Goetz et al. (2024) exhaustively reviewed the outcomes of Tamarix control through monitoring using vote count and a meta-analysis of 96 studies published from 1990 to 2020. They provided a list of indicators and ecosystem components that have been monitored and noted an over-representation of vegetation monitoring and a paucity of studies examining the response of other biotic and abiotic ecosystem components, such as fauna, physicochemical properties of water and soil and geomorphic characteristics of fluvial landforms that riparian vegetation occupies. We agree with the conclusions of Goetz et al. (2024) that more research on effects of Tamarix control beyond the vegetation component is necessary and essential to provide information for the next steps of the cascade model and achieve an integrative evaluation of riparian social-ecological systems across the American West.

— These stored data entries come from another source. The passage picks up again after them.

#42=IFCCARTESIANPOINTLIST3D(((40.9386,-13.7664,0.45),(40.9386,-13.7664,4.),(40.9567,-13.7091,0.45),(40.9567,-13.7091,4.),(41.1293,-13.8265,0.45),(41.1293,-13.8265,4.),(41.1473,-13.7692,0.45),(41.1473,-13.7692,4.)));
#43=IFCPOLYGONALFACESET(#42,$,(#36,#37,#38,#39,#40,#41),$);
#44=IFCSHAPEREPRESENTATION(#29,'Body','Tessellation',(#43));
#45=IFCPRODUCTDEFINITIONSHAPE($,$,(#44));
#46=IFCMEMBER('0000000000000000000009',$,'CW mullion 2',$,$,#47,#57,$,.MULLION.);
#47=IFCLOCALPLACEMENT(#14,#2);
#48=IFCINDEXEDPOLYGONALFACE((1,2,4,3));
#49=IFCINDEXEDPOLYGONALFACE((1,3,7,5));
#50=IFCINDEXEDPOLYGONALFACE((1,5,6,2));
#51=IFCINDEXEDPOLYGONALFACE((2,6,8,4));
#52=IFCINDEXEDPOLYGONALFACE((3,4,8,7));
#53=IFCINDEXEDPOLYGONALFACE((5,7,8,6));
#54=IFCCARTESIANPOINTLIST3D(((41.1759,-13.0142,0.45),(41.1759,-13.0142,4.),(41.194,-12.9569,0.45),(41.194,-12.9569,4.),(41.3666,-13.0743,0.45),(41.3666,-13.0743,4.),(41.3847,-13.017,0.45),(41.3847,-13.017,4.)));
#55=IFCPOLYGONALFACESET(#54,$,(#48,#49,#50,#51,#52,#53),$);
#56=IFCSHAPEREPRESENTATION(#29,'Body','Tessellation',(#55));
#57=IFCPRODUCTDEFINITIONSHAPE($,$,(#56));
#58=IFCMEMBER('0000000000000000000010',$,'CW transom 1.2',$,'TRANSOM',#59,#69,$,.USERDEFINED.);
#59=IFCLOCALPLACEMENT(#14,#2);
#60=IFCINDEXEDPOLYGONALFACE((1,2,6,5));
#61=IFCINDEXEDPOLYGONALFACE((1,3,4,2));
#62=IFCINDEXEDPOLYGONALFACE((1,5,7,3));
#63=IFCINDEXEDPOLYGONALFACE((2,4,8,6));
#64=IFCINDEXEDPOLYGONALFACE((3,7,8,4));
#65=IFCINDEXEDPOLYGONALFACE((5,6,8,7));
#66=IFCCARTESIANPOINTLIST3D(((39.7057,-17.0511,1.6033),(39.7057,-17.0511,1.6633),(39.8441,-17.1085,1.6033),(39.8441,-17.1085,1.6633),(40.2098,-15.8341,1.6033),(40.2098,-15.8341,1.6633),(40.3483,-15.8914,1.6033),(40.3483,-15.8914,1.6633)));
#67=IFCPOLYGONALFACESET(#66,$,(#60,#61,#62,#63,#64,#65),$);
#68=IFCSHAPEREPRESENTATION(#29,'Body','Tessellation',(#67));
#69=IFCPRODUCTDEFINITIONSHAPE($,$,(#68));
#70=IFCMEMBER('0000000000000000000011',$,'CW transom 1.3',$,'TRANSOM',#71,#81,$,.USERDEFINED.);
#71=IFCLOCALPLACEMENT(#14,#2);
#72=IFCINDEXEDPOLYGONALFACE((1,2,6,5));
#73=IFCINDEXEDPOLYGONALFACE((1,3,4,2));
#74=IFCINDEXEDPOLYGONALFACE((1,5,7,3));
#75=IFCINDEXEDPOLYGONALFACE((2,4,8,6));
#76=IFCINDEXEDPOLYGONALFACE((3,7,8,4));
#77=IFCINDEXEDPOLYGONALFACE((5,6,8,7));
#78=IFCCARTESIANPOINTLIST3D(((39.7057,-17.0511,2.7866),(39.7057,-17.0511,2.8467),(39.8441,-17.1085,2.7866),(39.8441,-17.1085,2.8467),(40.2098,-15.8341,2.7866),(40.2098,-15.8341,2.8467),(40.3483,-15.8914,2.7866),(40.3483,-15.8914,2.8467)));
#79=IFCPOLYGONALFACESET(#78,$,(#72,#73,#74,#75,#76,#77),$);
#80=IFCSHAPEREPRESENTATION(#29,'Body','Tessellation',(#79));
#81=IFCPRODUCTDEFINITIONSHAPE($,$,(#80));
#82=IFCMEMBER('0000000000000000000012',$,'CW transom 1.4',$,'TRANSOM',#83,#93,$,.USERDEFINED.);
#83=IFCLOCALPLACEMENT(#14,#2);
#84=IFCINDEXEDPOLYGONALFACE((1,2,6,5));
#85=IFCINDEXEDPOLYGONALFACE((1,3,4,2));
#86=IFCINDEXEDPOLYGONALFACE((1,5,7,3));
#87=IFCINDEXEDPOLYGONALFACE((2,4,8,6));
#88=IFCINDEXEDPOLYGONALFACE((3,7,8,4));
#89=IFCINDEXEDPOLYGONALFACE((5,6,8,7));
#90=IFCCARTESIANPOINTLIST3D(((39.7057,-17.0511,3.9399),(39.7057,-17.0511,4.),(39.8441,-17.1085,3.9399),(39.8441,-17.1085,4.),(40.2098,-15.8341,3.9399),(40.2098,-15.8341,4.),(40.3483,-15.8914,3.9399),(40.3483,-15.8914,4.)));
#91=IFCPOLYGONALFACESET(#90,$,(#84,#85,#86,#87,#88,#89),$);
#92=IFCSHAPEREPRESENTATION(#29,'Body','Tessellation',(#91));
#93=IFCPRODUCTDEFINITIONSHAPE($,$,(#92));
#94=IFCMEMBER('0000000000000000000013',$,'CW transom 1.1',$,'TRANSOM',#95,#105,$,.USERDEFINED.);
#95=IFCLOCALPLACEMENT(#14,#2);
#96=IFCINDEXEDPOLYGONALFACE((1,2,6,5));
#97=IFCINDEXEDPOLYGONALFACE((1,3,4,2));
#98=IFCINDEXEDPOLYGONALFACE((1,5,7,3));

Describing ecosystem functioning is the second step in the cascade model (Fig. 1). Ecosystem functions are the subset of interactions between the biological and physical structure and processes that govern the flow of matter and energy across ecosystems (Potschin and Haines-Young 2016; Raimundo et al. 2018; Hu et al. 2022). Recommendations for integrating ecosystem functioning into evaluation of management of natural resources, including invasive species management (e.g. International Standards for Ecological Restoration, Gann et al. (2019)), have not been as widely implemented as those related to biophysical structure (see Palmer et al. (2014) in the field of ecological restoration and González et al. (2015) for restoration of riparian vegetation specifically). Ecosystem functioning has been overlooked for multiple reasons. First, structural indicators are usually sufficient to evaluate compliance of management projects, which is often the only goal of monitoring (Matzek 2018). Second, there is a tendency to remain at the “structural phase” of evaluation because of the common belief that, if the biophysical structure is restored, recovery of processes and functions will follow (the ‘Field of Dreams’ hypothesis; see Palmer et al. (1997) and Suding (2011)). Finally, ecological functions are harder to conceptualise and monitor, despite efforts to simplify their quantification (e.g. Meyer et al. (2015)). Advances in functional ecology, such as the emergence and application of functional traits and functional diversity to understand ecosystem dynamics, can help to better characterise ecosystem functions (Díaz et al. 2007; Haines-Young and Potschin 2010; Funk et al. 2014). We are aware of only one study that used functional traits and functional diversity to assess the effectiveness of Tamarix control. Henry et al. (2023) used specific leaf area, plant height and seed mass to explore the response of the riparian plant community to Tamarix biocontrol, but their choice of traits was intended to reflect responses to environmental change (“response” traits) instead of to reflect effects on ecosystem functioning (“effect” traits). Effect traits are still underutilised in monitoring outcomes of management interventions (for example, in ecological restoration, see Loureiro et al. (2023)).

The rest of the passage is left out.